Hollanda'da burka yasağı yürürlükte
Hollanda İçişleri Bakanlığınca yapılan yazılı açıklamada, 1 Ağustos'tan itibaren yürürlüğe giren "burka yasağı" kapsamında, kişilerin eğitim ve sağlık sektörü, toplu taşıma araçları ve devlet dairelerinde yüzlerini tanınmayacak şekilde tekstil, maske veya kask gibi unsurlarla kapatmasının yasaklandığı bildirilmişti.
Hollanda basınında çıkan haberlerde, burka yasağına uymayanların en az 150 avro para cezasına çarptırılacağı belirtilmişti.
Ülkede Müslümanların kurduğu Nida partisi, iki hafta önce burka yasağı kapsamında verilecek cezaları üstleneceklerini duyurmuştu.
Hollanda'da İslam ve yabancı karşıtı aşırı sağcı Özgürlük Partisi (PVV) lideri Geert Wilders, yasanın yürürlüğe girdiği gün sosyal medyadan, "Burka yasağı yürürlüğe girdi. Şimdi bir sonraki adım için çalışmaya başlayabiliriz. Hollanda'da başörtüsü yasağı." pay laşımında bulunmuştu.

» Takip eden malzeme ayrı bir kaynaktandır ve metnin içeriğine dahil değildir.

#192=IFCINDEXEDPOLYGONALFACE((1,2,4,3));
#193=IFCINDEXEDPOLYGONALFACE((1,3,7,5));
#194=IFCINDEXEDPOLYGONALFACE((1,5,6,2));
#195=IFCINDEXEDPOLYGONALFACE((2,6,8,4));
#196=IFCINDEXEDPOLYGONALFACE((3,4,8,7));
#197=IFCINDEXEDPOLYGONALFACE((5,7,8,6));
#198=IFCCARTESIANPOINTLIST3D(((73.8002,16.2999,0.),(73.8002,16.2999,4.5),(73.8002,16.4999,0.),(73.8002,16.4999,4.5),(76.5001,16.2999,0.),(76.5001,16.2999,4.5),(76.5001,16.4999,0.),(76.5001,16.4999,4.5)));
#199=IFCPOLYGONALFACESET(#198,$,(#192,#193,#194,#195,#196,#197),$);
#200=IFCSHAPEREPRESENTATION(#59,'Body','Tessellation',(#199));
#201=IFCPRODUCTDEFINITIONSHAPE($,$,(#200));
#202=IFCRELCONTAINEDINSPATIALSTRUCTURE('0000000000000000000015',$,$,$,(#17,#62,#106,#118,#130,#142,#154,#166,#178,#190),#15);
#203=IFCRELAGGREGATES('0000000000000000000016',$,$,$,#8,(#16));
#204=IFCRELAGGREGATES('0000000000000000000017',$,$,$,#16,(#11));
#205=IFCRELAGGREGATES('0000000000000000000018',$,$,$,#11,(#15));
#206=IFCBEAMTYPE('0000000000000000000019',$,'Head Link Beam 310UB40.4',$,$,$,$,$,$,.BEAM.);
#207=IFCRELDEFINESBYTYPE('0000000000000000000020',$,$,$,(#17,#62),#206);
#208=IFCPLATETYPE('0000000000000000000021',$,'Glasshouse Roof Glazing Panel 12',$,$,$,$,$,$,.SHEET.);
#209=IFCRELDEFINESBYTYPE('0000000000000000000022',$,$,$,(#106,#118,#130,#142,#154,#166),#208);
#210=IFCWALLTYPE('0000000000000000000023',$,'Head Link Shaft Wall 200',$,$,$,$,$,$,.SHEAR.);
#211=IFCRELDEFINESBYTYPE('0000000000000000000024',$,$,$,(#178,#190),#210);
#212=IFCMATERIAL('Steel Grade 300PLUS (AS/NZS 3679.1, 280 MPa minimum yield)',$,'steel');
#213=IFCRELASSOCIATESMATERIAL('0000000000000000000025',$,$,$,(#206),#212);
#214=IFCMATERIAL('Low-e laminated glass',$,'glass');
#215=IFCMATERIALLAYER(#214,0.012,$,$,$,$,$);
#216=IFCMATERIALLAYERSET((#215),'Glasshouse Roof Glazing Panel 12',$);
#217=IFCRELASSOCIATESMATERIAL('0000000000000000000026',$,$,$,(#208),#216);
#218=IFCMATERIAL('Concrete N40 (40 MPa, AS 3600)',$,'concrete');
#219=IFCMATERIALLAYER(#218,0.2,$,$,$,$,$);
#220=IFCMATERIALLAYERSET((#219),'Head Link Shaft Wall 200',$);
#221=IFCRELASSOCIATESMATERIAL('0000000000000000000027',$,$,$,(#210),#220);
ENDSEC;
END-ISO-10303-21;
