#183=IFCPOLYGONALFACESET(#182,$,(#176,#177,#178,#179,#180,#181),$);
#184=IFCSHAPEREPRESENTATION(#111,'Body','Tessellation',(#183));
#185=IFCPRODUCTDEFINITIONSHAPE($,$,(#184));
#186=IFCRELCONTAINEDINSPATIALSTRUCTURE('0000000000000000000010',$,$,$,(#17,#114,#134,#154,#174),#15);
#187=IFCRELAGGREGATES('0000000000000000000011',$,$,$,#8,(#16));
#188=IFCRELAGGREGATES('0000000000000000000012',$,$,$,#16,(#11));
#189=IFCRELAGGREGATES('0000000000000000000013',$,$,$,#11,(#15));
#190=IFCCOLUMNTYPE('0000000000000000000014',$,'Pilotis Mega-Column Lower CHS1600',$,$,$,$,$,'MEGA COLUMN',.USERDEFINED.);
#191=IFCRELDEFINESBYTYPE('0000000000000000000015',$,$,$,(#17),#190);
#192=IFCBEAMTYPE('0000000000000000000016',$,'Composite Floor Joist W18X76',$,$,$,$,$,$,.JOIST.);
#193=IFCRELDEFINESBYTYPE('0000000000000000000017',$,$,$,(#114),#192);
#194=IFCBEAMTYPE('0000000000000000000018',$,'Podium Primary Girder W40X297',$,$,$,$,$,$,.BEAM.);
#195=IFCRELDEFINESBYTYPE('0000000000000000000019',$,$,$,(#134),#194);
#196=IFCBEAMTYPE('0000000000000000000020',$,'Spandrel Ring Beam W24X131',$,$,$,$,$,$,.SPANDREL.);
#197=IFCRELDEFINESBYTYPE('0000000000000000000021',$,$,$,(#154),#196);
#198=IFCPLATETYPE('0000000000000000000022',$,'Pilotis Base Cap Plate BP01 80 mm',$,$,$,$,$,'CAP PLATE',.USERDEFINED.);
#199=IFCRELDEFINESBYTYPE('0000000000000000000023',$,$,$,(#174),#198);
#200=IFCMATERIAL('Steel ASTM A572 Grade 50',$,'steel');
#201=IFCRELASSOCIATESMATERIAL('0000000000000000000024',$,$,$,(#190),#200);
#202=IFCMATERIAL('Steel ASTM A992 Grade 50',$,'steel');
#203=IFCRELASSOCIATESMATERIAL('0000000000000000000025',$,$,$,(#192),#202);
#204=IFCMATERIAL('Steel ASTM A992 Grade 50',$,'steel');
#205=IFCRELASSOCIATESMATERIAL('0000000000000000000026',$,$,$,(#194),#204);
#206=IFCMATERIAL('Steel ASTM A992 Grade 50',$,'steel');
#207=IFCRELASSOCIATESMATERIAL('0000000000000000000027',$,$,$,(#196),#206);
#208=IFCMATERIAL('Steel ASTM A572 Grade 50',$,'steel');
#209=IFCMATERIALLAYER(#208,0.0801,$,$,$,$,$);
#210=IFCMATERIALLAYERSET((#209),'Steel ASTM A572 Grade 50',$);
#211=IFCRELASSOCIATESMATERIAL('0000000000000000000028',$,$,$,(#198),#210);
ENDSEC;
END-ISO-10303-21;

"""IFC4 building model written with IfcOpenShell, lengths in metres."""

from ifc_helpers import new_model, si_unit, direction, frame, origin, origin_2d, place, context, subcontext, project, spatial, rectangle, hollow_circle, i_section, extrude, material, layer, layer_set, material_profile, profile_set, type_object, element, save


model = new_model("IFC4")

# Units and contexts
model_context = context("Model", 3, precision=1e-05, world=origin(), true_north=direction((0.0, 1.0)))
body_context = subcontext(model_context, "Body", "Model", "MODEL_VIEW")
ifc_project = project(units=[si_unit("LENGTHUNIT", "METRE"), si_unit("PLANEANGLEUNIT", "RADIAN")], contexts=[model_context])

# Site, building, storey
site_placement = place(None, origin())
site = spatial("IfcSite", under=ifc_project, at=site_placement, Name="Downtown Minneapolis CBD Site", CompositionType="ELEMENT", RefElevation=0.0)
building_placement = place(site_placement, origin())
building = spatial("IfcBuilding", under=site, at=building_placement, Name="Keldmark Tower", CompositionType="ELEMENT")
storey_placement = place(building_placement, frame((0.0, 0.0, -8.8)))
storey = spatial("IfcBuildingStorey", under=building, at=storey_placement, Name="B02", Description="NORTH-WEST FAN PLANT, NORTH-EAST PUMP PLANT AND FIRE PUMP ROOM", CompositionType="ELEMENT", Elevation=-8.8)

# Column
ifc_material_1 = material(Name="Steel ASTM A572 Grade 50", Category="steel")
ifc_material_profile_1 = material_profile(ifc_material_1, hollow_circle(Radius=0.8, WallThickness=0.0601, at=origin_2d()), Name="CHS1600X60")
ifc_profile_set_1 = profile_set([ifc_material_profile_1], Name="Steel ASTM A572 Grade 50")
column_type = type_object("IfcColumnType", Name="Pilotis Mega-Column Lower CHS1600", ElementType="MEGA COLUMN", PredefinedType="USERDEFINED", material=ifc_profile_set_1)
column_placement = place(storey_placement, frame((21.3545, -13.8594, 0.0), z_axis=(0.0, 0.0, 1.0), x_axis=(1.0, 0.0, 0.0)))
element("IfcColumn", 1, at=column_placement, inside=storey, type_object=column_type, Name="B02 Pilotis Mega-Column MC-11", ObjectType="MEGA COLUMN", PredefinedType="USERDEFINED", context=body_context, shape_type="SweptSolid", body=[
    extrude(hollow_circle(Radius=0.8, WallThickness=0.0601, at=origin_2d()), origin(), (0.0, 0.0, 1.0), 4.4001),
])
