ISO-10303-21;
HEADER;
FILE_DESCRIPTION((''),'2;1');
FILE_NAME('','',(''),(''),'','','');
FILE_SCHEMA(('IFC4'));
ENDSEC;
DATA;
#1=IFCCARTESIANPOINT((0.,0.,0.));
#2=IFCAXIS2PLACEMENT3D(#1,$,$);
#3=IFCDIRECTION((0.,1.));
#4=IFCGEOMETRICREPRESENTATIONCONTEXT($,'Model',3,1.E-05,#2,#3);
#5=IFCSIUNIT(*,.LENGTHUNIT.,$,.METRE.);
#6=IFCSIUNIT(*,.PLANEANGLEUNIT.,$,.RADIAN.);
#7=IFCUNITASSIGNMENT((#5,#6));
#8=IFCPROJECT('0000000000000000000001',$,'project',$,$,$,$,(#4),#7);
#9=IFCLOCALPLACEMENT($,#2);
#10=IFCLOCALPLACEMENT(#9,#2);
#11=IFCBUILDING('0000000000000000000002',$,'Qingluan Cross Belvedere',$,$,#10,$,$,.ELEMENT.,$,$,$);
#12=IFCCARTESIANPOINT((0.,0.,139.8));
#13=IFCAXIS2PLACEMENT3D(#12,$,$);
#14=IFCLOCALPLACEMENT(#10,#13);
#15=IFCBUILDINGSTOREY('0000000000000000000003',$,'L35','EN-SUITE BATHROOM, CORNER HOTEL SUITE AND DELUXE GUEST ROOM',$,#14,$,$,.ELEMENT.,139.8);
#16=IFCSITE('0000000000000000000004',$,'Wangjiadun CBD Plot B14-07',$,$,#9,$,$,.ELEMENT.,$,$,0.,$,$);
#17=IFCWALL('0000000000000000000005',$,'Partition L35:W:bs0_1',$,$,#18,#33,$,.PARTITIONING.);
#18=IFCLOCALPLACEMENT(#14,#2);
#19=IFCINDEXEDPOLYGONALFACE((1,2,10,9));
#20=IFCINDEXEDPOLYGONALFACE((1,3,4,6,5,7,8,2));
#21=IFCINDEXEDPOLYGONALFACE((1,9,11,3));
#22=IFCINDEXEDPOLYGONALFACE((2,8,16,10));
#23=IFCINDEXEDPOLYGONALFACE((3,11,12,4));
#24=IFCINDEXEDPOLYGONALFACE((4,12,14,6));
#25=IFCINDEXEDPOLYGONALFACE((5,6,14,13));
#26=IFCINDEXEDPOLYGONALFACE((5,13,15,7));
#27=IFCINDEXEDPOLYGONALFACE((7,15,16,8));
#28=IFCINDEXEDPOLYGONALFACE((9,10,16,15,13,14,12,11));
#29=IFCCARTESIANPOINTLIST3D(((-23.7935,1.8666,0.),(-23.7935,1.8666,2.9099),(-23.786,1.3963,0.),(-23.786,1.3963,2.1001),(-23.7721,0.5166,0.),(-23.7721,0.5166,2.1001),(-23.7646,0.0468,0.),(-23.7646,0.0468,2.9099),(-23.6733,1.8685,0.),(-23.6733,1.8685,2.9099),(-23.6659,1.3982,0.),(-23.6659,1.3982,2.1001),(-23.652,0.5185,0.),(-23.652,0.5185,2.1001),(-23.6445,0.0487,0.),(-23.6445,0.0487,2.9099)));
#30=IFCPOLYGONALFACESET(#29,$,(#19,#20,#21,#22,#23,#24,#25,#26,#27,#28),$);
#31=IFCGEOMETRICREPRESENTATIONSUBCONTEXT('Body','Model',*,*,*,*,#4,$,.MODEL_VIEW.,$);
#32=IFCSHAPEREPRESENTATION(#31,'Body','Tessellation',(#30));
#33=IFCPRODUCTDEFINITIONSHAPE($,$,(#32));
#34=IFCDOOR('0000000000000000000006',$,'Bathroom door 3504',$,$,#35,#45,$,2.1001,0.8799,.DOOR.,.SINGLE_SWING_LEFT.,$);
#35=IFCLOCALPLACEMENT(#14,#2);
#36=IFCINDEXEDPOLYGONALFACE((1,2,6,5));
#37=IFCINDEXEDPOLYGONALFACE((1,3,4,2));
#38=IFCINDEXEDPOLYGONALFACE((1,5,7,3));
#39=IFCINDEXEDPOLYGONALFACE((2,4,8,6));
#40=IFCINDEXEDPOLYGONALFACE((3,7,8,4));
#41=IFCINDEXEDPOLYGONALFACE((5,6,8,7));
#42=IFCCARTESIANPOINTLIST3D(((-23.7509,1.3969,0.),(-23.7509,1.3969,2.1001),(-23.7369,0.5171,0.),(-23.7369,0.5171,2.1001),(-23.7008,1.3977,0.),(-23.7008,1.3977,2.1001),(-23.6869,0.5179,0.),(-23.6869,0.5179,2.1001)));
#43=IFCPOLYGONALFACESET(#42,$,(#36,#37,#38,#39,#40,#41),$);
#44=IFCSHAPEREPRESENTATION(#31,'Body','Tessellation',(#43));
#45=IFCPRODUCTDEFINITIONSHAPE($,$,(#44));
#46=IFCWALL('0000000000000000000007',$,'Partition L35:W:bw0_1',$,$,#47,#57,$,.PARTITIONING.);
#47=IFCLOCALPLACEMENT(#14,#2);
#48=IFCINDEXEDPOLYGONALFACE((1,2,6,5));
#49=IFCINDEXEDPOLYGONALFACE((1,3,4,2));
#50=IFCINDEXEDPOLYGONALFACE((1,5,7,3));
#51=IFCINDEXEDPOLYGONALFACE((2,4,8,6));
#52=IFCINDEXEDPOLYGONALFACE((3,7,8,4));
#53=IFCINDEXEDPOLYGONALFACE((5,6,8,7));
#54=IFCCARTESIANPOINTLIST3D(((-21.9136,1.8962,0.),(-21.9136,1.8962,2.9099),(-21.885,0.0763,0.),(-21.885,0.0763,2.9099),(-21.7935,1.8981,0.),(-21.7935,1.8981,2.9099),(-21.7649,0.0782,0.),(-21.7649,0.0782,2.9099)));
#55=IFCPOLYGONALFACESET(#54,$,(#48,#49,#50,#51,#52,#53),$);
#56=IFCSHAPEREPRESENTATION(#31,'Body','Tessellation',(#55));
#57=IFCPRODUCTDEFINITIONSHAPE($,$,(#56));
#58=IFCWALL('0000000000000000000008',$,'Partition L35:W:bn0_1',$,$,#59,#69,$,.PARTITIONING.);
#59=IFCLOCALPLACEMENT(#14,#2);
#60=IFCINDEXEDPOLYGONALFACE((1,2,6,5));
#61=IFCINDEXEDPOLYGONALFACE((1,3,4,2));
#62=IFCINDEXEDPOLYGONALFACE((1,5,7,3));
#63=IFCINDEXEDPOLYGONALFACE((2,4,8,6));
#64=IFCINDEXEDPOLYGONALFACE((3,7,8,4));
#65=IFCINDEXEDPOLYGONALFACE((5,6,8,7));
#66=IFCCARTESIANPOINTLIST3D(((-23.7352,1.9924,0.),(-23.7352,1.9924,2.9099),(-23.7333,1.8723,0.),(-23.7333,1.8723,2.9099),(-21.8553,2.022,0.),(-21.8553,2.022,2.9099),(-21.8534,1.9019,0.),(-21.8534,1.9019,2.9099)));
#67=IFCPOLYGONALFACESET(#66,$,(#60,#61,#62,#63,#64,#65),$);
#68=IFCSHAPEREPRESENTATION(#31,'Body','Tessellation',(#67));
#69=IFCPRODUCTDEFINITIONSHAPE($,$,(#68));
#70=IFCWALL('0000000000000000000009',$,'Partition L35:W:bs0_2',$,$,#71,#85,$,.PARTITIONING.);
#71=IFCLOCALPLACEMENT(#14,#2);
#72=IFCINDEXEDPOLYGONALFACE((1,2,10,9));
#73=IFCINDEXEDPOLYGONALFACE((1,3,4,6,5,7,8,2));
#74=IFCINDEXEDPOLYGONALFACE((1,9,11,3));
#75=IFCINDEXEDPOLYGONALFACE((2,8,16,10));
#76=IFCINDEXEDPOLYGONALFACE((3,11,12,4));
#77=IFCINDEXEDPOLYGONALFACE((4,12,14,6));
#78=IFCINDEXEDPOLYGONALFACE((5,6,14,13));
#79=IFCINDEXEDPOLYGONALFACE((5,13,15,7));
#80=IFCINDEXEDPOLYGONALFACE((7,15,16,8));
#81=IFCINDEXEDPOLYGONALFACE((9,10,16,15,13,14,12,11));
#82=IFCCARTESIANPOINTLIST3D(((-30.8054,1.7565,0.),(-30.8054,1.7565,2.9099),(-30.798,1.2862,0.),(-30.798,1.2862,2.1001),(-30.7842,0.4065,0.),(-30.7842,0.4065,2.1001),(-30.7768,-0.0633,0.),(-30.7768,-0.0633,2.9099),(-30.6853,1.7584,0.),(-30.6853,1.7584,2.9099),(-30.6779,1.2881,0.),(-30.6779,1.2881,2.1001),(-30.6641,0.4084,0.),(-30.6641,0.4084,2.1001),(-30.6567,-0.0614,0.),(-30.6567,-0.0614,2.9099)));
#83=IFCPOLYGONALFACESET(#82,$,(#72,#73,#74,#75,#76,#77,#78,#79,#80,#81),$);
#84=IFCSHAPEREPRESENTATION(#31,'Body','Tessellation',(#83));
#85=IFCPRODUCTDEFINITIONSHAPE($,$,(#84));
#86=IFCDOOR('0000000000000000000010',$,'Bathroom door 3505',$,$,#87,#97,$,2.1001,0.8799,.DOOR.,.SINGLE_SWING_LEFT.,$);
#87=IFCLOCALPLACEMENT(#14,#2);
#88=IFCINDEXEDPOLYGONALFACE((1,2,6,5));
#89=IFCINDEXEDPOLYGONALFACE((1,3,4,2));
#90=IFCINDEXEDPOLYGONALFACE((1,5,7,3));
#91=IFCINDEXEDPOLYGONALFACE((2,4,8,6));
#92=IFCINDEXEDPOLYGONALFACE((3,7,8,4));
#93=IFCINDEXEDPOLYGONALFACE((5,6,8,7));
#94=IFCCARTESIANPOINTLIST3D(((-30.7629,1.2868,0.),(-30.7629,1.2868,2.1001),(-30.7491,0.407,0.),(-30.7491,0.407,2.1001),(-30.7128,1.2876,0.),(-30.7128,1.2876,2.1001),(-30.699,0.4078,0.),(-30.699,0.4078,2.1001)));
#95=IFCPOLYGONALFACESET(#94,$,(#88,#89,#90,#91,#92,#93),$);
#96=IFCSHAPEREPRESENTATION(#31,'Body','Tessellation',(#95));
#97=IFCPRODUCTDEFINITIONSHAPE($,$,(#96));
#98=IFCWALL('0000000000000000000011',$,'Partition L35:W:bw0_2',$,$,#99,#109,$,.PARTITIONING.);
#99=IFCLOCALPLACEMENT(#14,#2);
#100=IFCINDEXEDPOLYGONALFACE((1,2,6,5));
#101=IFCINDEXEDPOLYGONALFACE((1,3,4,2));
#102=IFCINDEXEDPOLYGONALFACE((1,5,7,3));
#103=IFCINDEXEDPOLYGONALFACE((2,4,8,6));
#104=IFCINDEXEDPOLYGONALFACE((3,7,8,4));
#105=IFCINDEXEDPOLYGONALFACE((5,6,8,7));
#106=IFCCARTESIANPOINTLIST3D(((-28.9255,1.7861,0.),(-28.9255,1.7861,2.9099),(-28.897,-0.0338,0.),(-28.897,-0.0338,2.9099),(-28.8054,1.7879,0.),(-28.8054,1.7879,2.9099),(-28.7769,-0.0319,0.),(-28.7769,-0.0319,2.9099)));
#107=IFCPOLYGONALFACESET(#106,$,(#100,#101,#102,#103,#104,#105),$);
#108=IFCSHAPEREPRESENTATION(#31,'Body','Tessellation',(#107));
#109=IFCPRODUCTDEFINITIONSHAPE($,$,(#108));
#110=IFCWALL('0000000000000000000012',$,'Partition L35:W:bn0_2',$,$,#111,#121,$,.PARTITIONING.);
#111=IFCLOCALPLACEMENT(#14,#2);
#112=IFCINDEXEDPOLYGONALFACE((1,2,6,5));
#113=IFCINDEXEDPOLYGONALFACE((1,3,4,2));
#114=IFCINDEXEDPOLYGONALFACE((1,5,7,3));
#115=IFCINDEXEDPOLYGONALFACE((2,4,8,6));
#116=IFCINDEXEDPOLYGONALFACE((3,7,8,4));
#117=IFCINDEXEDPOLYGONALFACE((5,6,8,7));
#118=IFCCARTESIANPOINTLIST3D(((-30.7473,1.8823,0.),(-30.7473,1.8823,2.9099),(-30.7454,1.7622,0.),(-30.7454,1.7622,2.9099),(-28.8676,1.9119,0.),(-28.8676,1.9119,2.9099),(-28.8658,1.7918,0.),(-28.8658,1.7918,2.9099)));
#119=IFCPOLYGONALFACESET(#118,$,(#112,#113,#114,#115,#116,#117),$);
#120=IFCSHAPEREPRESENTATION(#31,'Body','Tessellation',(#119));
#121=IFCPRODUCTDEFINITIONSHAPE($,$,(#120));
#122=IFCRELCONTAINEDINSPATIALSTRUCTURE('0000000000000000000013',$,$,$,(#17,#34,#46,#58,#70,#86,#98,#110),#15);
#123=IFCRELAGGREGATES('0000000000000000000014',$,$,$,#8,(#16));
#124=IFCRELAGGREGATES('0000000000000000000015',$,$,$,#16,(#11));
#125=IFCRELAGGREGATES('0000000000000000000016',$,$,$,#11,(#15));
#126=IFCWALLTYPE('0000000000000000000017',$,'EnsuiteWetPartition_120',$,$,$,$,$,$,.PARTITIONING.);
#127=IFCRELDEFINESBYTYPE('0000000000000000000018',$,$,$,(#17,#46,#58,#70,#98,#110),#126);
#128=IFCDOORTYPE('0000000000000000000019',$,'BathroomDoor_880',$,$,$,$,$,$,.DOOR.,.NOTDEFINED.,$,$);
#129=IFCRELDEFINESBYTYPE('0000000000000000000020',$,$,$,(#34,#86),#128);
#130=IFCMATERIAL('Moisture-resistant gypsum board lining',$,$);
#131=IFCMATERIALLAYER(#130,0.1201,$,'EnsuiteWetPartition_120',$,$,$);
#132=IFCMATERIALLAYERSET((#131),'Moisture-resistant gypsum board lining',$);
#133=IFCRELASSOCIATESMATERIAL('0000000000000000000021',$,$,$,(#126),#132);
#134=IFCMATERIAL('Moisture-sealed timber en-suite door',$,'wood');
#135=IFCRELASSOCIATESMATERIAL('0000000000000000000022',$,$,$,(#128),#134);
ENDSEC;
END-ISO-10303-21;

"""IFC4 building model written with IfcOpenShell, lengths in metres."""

from ifc_helpers import new_model, si_unit, direction, frame, frame_2d, origin, place, context, subcontext, project, spatial, rectangle, extrude, material, layer, layer_set, type_object, element, fill, save


model = new_model("IFC4")

# Units and contexts
model_context = context("Model", 3, precision=1e-05, world=origin(), true_north=direction((0.0, 1.0)))
body_context = subcontext(model_context, "Body", "Model", "MODEL_VIEW")
ifc_project = project(units=[si_unit("LENGTHUNIT", "METRE"), si_unit("PLANEANGLEUNIT", "RADIAN")], contexts=[model_context])

# Site, building, storey
site_placement = place(None, origin())
site = spatial("IfcSite", under=ifc_project, at=site_placement, Name="Wangjiadun CBD Plot B14-07", CompositionType="ELEMENT", RefElevation=0.0)
building_placement = place(site_placement, origin())
building = spatial("IfcBuilding", under=site, at=building_placement, Name="Qingluan Cross Belvedere", CompositionType="ELEMENT")
storey_placement = place(building_placement, frame((0.0, 0.0, 139.8)))
storey = spatial("IfcBuildingStorey", under=building, at=storey_placement, Name="L35", Description="EN-SUITE BATHROOM, CORNER HOTEL SUITE AND DELUXE GUEST ROOM", CompositionType="ELEMENT", Elevation=139.8)

# Shared definitions
ifc_material_1 = material(Name="Moisture-resistant gypsum board lining")
ifc_layer_1 = layer(ifc_material_1, 0.1201, Name="EnsuiteWetPartition_120")
ifc_layer_set_1 = layer_set([ifc_layer_1], Name="Moisture-resistant gypsum board lining")
wall_type_1 = type_object("IfcWallType", Name="EnsuiteWetPartition_120", PredefinedType="PARTITIONING", material=ifc_layer_set_1)
ifc_material_2 = material(Name="Moisture-sealed timber en-suite door", Category="wood")
door_type = type_object("IfcDoorType", Name="BathroomDoor_880", OperationType="NOTDEFINED", PredefinedType="DOOR", material=ifc_material_2)

# Wall, opening, door
wall_1_placement = place(storey_placement, frame((-23.7046, 0.0476, 0.0), z_axis=(0.0, 0.0, 1.0), x_axis=(-0.015828, 0.999875, 0.0)))
wall_1 = element("IfcWall", 1, at=wall_1_placement, inside=storey, type_object=wall_type_1, Name="Partition L35:W:bs0_1", PredefinedType="PARTITIONING", context=body_context, shape_type="SweptSolid", body=[
    extrude(rectangle(XDim=1.8201, YDim=0.1201, at=frame_2d((0.9102, 0.0))), origin(), (0.0, 0.0, 1.0), 2.9099),
])
opening_1_placement = place(wall_1_placement, frame((0.47, 0.0, 0.0)))
opening_1 = element("IfcOpeningElement", 2, at=opening_1_placement, cuts=wall_1, PredefinedType="OPENING", context=body_context, shape_type="SweptSolid", body=[
    extrude(rectangle(XDim=0.8799, YDim=2.1001, at=frame_2d((0.4399, 1.05))), frame((0.0, 0.0701, 0.0), z_axis=(0.0, -1.0, 0.0), x_axis=(1.0, 0.0, 0.0)), (0.0, 0.0, 1.0), 0.1401),
])
door_1_placement = place(opening_1_placement, origin())
door_1 = element("IfcDoor", 3, at=door_1_placement, inside=storey, type_object=door_type, Name="Bathroom door 3504", OperationType="SINGLE_SWING_LEFT", OverallHeight=2.1001, OverallWidth=0.8799, PredefinedType="DOOR", context=body_context, shape_type="SweptSolid", body=[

Burkalı kadınlara "sivil müdahale" endişesi
Ülkenin önde gelen gazetelerinden Algemeen Dagblad, bu hafta burka yasağına ilişkin haberinde, halkın, burkalı bir kadından rahatsız olması halinde sözlü ve fiziki müdahale hakkına sahip olduğunu yazmıştı.
Haberde, bu hakkın, Hollanda Ceza Kanunu'nun, "halkın, bir kişinin suç işlediğine şahit olması durumunda fiziki müdahalede bulunabileceğini" öngören 53. maddesi kapsamına girdiği ve burka yasağının da bu kapsamda değerlendirileceği ileri sürüldü.
Ülkede başta Müslümanlar olmak üzere çok sayıda ki şi sosyal medyadan, bu madde doğrultusunda sivillerin müdahale hakkından ve gazetenin haberiyle adeta Müslümanları hedef göstermesinden rahatsız olduklarını belirtmişti.
Uluslararası Af Örgütü Hollanda Şubesi de bu hafta sosyal medyadan, kadınların giyimlerinde seçme özgürlüğüne sahip olduğunu belirterek, söz konusu yasağa karşı olduklarını duyurmuştu.
Hollanda Danıştayı yasayı tavsiye etmiyor
"Din özgürlüğünü kısıtladığı" gerekçesiyle Hollanda Danıştayınca tavsiye edilmeyen yasa, 2016'da Temsilciler Meclisince çoğunlukla kabul edilmişti.
Hollanda Senatosu da geçen sene, uzun süredir üzerinde tartışılan tasarıyı onaylamıştı.
Amsterdam, Rotterdam ve Utrecht belediye başkanları geçen yıl, yasayı uygulamayı düşünmediklerini açıklamışlardı.